Fiona Midori King

Fiona Midori King

Hope 4 Fiona

Welcome to Holland - by: Emily Perl Kingsley Sunday - December 30, 2012

 

 

The beautiful Emily Perl Kingsley wrote a short explanation in her tremendously touching poem “Welcome to Holland”. This story of a family planning a trip to Italy helped me a lot when I was feeling down. It was a family that dreamt for years about making it to Italy. They bought books, learned the language and planned every detail of their trip. When the day of the trip finally arrived, they felt really prepared! When they landed, the flight attendant’s announcement welcomed them to Holland. “Holland???”  said the family, “what? We’re not in Italy? But we have everything set for Italy!” Needless to say, to land in Holland was not what they expected and their journey turned into something different-with sights, people and places unlike what they had hoped for, but still amazing and a true learning experience. Our family’s journey since Fiona arrived has been much like this family’s trip to Holland: unpredictable and new, but oh so very fulfilling and blessed with wonderful surprises.

I am often asked to describe the experience of raising a child with a disability and/or special need- to try to help people who have not shared that unique experience to understand it and to imagine how it would feel. Just as in Emily Kingsley’s poem, where a family planned for and made all the preparations for a trip to Italy yet landed in a very different location where all of their prior research wasn’t as applicable as anticipated, so is the story of what it has been like parenting Fiona.

It's like this......
When you're going to have a baby, it's like planning a fabulous vacation trip to Italy for example. You buy a bunch of guide books and make your wonderful plans to see the Coliseum, Michelangelo’s David, gondolas in Venice. You may learn some handy phrases in Italian.  It's all very exciting, you feel extremely prepared after having done all the research necessary and creating an agenda that covers all that you want to experience in that new country.

I feel like my experience with mothering Fiona has been similar to the family’s experience in Kingsley’s poem.  After months of eager anticipation, you expect one thing and have been given an experience that is entirely different from what you anticipated for months.  The experience that you dreamed of for such a long time was simply entirely different than what you could have imagined and prepared for. 

Although that family was still able to be on a vacation, it wasn’t at all what they signed up for.  After all, the family did not land in a horrible, disgusting, filthy place, full of pestilence, famine and disease….they simply landed in a place very different from what they anticipated and expected but still very beautiful with so much to offer.

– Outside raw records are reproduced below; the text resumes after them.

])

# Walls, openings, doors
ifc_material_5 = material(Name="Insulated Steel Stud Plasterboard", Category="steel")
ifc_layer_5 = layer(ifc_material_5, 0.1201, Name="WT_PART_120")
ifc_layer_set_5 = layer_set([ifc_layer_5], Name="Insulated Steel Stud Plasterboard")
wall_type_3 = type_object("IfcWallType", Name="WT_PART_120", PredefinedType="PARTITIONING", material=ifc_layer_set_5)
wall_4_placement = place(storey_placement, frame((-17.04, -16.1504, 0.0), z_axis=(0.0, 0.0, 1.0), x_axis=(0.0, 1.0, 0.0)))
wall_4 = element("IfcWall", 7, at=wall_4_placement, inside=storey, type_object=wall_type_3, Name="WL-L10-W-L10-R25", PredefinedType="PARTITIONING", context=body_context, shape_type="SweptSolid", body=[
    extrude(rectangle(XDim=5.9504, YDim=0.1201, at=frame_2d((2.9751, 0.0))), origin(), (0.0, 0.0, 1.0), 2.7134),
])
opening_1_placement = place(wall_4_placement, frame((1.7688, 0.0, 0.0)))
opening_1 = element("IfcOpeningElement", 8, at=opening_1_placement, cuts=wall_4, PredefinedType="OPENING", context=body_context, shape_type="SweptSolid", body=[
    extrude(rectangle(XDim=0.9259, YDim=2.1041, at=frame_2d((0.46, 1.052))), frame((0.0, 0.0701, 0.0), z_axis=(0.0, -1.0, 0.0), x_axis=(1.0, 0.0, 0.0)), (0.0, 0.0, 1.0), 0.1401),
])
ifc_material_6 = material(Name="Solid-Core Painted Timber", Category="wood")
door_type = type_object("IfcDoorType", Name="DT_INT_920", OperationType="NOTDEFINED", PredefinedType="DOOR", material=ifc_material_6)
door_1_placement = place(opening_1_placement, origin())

So what’s next?  How do you act when you’re given such a change in plans?  Well, you keep moving forward- you must go out and buy new guide books and learn yet another new language.  You will find that you have experienced new things and have met a whole new group of people that you would have never met otherwise.  You focus on the positive aspects of your surprising trip and do the best you can with what you have been given. 

So now what? You find yourself in a different place than you expected and you make note of the differences, sure Holland happens to be slower-paced and less flashy than Italy, and maybe the pizzas and pastas don’t quite have that authentic Italian taste you were anticipating, but so what?  After you've been there for a while and are able to catch your breath and take a good look around- you begin to notice what Holland has to offer.  Holland has windmills and is filled with tulips; Holland even has Rembrandts.  Although Holland has its differences from Italy, it’s still a beautiful vacation none the less.  

In the meantime, everyone you know is busy coming and going from Italy... and they're all boasting and bragging about what a wonderful time they had there, as they have every right to.  But then you realize that although that was the destination you were planning for, that was not the destination you landed at, and for the rest of your life you will be the person saying "Yes, that's where I was supposed to go. That's what I had planned."  You had a dream to go to a specific place yet simply landed somewhere different.  

The pain of that truth, that my experience with parenting a special needs child has been very different than the experience that parents with perfectly healthy children have.  The pain that I suffer from knowing that Fiona does not have the health and capabilities of a healthy child her age will never, ever, ever, ever go away...because the loss of that dream for any parent that is going through this similar experience is a very,  very significant loss.

But... if you spend your life mourning the fact that you didn't get to Italy, you may never be free to enjoy the very special, the very lovely things… about Holland.